As we have a single columns here, we are not dealing with a DataFrame anymore but with a Series:

In [21]:
type(some_column)

pandas.core.series.Series

We won't explore much the Series object on its own in this course, but know that you can for example create a DataFrame from scratch by combining multiple Series.

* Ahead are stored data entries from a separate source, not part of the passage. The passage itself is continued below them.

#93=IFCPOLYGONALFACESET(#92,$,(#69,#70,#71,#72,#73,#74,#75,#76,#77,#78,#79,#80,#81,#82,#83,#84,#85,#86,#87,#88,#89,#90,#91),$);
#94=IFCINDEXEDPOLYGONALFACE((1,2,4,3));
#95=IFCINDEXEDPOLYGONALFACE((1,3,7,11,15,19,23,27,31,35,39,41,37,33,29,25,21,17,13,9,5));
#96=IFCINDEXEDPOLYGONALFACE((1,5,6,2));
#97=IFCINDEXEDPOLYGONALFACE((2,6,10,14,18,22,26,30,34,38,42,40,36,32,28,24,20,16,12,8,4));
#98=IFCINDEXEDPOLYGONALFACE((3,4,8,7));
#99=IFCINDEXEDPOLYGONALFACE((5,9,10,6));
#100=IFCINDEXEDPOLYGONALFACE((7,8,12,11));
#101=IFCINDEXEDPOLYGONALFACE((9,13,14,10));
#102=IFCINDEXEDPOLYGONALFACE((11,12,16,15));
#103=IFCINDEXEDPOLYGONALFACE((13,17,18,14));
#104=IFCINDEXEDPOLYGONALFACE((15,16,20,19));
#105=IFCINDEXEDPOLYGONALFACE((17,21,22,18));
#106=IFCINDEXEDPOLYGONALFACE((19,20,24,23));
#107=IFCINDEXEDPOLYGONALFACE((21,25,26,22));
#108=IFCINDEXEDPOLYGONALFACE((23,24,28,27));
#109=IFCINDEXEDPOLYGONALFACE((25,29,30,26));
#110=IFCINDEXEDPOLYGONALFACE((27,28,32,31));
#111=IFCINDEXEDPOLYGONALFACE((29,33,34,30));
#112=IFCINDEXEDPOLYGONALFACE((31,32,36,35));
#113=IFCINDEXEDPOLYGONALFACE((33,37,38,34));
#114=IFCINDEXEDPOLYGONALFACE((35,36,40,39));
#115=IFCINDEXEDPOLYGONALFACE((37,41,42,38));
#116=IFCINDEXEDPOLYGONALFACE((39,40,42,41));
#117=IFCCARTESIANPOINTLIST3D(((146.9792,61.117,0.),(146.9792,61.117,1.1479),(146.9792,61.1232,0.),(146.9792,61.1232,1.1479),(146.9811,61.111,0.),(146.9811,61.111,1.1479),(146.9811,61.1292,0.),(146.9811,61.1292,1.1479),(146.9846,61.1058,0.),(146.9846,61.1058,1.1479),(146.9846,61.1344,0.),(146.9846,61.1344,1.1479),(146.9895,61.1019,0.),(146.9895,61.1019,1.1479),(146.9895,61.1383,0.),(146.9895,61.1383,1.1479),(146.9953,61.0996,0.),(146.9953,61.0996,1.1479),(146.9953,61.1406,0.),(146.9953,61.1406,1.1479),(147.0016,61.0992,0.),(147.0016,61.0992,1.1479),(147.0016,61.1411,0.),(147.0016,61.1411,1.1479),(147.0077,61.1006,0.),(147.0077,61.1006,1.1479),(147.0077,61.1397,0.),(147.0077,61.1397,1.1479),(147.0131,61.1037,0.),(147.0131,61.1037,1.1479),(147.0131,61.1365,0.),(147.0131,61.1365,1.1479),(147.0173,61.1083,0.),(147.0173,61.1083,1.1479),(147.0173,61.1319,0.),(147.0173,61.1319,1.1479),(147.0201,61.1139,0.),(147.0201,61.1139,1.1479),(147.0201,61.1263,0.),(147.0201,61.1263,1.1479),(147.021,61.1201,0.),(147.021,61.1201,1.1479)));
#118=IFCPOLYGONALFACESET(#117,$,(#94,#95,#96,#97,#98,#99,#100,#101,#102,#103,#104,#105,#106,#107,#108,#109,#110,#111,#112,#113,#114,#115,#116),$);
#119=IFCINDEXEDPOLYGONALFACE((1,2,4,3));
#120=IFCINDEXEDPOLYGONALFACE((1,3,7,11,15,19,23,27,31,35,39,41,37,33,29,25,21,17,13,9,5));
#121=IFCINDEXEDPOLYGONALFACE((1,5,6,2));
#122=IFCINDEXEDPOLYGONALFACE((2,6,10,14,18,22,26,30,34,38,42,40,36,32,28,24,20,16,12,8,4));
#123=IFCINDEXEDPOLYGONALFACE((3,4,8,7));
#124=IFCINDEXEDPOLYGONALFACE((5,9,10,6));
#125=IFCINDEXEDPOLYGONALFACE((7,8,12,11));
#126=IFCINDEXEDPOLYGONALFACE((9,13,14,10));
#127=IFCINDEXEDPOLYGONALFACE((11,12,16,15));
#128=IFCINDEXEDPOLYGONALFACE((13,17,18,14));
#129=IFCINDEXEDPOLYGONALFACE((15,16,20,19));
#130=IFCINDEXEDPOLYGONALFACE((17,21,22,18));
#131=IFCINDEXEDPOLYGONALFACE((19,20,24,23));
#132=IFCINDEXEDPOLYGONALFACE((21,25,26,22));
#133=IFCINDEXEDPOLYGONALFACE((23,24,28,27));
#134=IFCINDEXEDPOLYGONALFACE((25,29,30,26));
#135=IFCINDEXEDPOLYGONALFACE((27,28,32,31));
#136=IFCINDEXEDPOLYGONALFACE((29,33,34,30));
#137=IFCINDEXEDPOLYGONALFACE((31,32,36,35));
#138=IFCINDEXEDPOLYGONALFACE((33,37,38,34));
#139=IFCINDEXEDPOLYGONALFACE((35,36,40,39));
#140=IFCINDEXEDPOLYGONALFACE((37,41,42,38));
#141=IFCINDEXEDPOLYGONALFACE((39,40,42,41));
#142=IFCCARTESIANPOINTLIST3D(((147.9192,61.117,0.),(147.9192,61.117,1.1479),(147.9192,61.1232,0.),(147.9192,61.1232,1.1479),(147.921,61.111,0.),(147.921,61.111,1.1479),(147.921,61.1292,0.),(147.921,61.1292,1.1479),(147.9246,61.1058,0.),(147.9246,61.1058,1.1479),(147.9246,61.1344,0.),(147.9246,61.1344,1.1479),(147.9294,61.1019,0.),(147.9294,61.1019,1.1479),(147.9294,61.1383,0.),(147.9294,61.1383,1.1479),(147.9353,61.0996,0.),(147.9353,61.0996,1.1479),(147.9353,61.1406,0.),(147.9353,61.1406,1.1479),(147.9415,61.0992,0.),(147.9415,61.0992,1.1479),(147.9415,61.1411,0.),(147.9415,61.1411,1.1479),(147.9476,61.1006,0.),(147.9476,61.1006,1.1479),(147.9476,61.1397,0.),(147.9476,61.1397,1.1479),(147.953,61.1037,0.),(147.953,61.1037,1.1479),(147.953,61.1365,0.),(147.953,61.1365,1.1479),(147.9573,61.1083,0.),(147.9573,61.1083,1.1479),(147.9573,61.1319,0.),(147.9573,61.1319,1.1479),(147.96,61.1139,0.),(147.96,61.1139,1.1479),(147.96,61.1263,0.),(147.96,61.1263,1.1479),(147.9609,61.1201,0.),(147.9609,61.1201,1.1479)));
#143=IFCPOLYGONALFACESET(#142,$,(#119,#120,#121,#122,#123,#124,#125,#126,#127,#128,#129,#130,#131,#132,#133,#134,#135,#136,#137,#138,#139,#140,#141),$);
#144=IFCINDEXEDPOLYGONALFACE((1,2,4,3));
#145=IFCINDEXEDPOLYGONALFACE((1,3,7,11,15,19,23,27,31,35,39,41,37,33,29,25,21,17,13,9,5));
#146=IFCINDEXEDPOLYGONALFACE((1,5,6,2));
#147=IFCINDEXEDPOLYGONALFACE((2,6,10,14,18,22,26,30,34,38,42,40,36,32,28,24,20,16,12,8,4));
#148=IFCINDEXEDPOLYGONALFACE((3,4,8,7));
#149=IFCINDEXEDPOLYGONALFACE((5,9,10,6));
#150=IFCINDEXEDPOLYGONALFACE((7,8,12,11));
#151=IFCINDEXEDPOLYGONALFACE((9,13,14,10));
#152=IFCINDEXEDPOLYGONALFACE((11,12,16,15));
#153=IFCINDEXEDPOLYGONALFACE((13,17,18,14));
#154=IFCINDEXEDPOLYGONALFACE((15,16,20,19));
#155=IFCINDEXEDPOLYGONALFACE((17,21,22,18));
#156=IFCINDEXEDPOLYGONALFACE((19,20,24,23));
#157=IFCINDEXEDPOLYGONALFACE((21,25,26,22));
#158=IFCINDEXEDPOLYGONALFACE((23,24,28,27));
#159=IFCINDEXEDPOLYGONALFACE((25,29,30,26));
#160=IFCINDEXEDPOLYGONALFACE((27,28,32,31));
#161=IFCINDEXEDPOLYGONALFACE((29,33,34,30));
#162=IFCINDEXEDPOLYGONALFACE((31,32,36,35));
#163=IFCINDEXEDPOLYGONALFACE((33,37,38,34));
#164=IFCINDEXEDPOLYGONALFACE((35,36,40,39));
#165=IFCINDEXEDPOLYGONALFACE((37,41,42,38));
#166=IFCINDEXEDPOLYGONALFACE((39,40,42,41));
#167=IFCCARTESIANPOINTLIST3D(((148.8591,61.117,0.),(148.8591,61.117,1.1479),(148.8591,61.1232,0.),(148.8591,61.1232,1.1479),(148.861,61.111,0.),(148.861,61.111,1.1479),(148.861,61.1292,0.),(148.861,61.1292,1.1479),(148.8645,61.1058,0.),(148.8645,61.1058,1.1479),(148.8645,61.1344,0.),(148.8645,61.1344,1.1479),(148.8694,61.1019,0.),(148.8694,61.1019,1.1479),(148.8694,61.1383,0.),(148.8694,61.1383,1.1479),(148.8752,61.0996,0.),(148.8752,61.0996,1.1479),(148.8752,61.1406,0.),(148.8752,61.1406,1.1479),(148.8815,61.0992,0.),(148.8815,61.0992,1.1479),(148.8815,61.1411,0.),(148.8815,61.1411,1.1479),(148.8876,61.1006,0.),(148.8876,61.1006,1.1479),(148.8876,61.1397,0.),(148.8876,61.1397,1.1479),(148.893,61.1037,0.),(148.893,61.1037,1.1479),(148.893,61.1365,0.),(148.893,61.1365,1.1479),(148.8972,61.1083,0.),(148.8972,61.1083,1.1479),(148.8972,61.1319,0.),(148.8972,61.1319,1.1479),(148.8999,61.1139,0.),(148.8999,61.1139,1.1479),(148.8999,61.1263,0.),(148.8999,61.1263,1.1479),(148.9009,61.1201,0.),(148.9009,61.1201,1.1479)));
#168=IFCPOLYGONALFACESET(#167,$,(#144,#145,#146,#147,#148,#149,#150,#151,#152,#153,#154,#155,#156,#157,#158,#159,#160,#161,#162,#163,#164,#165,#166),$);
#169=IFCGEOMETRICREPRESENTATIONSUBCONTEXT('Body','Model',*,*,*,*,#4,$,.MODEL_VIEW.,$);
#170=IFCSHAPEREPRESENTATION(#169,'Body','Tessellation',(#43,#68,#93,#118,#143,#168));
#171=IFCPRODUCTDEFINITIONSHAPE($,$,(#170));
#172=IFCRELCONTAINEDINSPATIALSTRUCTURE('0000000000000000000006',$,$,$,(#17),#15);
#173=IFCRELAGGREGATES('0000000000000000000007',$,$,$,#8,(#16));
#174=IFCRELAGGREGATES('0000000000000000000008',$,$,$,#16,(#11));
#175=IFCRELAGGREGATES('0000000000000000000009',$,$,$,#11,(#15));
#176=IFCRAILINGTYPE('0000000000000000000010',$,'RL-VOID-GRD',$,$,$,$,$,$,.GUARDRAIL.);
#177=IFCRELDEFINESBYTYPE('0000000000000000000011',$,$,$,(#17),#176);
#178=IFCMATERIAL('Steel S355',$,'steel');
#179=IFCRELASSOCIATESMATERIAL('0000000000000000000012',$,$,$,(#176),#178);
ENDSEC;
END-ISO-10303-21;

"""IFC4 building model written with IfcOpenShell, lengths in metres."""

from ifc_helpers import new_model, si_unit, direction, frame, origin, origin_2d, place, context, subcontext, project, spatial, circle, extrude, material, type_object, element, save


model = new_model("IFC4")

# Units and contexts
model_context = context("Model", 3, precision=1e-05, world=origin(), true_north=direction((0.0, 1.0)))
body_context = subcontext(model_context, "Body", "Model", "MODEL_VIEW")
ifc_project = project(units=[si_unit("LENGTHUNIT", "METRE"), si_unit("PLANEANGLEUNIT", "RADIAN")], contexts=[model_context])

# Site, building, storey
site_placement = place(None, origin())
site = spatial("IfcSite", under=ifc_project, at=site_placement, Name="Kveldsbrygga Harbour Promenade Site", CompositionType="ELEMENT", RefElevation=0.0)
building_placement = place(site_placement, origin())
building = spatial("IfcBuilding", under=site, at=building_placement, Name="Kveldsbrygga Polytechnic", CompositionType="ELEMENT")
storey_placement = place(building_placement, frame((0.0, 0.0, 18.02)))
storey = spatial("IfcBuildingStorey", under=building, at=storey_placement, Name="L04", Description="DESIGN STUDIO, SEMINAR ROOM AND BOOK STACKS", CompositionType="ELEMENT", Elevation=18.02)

## What is underlying Pandas

We see above that ```some_column``` is composed of and index (0, 1, 2 etc) and the corresponding values (65.86, 51.48 etc.). Underlying this object is just a list of numbers that we can access using the ```values``` parameter:

In [22]:
actual_values = some_column.values
actual_values

array([ 65.86735805,  51.48359947,  60.96830488,  54.48599598,
        58.70681418,  50.24489709,  54.57645043,  51.31471177,
        55.40598884,  53.1871301 ,  53.4183105 ,  58.27425747,
        53.48041021,  54.1192352 ,  54.84970684,  50.0999626 ,
        60.19155736,  56.83683752,  54.4873395 ,  56.01761002,
        62.59942566,  51.31843236,  56.62032762,  52.05086737,
        50.18816107,  51.81342814,  51.18012999,  59.05227627,
        49.65537319,  57.81452246,  53.58060185,  60.16063682,
        56.74832791,  58.80612207,  52.93445669,  52.33525619,
        58.73078548,  60.02897025,  58.62064383,  52.07703658,
        59.93047728,  51.63528828,  49.33709914,  58.06904114,
        67.20348055,  61.44785587,  54.40922809,  47.18800193,
        57.44733883,  65.84898568,  56.81898508,  51.92820273,
        65.55086101,  63.10502017,  59.84902928,  57.80726022,
        61.50449708,  60.89626607,  60.00633675,  56.18448575,
        60.03863271,  60.07136331,  65.89833811,  48.09

We see that the output is not just a simple Python list. It is in fact called an ```array```. If we ask for the type of this object, we get:

In [23]:
type(actual_values)

numpy.ndarray

The lists of values contained in Pandas DataFrame are in fact Numpy arrays. These are in principle just lists of lists (with any dimensions) but in contrast to native Python lists, we can handle then as single objects and for example execute computations directly on the whole array instead of writing a loop traversing all values:

In [24]:
actual_values / 10

array([ 6.58673581,  5.14835995,  6.09683049,  5.4485996 ,  5.87068142,
        5.02448971,  5.45764504,  5.13147118,  5.54059888,  5.31871301,
        5.34183105,  5.82742575,  5.34804102,  5.41192352,  5.48497068,
        5.00999626,  6.01915574,  5.68368375,  5.44873395,  5.601761  ,
        6.25994257,  5.13184324,  5.66203276,  5.20508674,  5.01881611,
        5.18134281,  5.118013  ,  5.90522763,  4.96553732,  5.78145225,
        5.35806019,  6.01606368,  5.67483279,  5.88061221,  5.29344567,
        5.23352562,  5.87307855,  6.00289703,  5.86206438,  5.20770366,
        5.99304773,  5.16352883,  4.93370991,  5.80690411,  6.72034805,
        6.14478559,  5.44092281,  4.71880019,  5.74473388,  6.58489857,
        5.68189851,  5.19282027,  6.5550861 ,  6.31050202,  5.98490293,
        5.78072602,  6.15044971,  6.08962661,  6.00063367,  5.61844857,
        6.00386327,  6.00713633,  6.58983381,  4.80982228,  6.02948583,
        5.61998035,  5.88528161,  4.90585957,  5.12771774,  6.40



A large part of the computing logic in Pandas is inspired from Numpy, therefore we now make a detour to Numpy before coming back to DataFrames which is the data type we are mostly interested in in this course.

## Exercise

1. Try to import the ```penguins.csv``` file in the ```data``` folder

2. Use the ```head``` method to see the first 6 elements of the table.

3. Can you find a method (function attached to the object) to calculate only means in the table?

4. What do you observe in the result? Are some columns missing?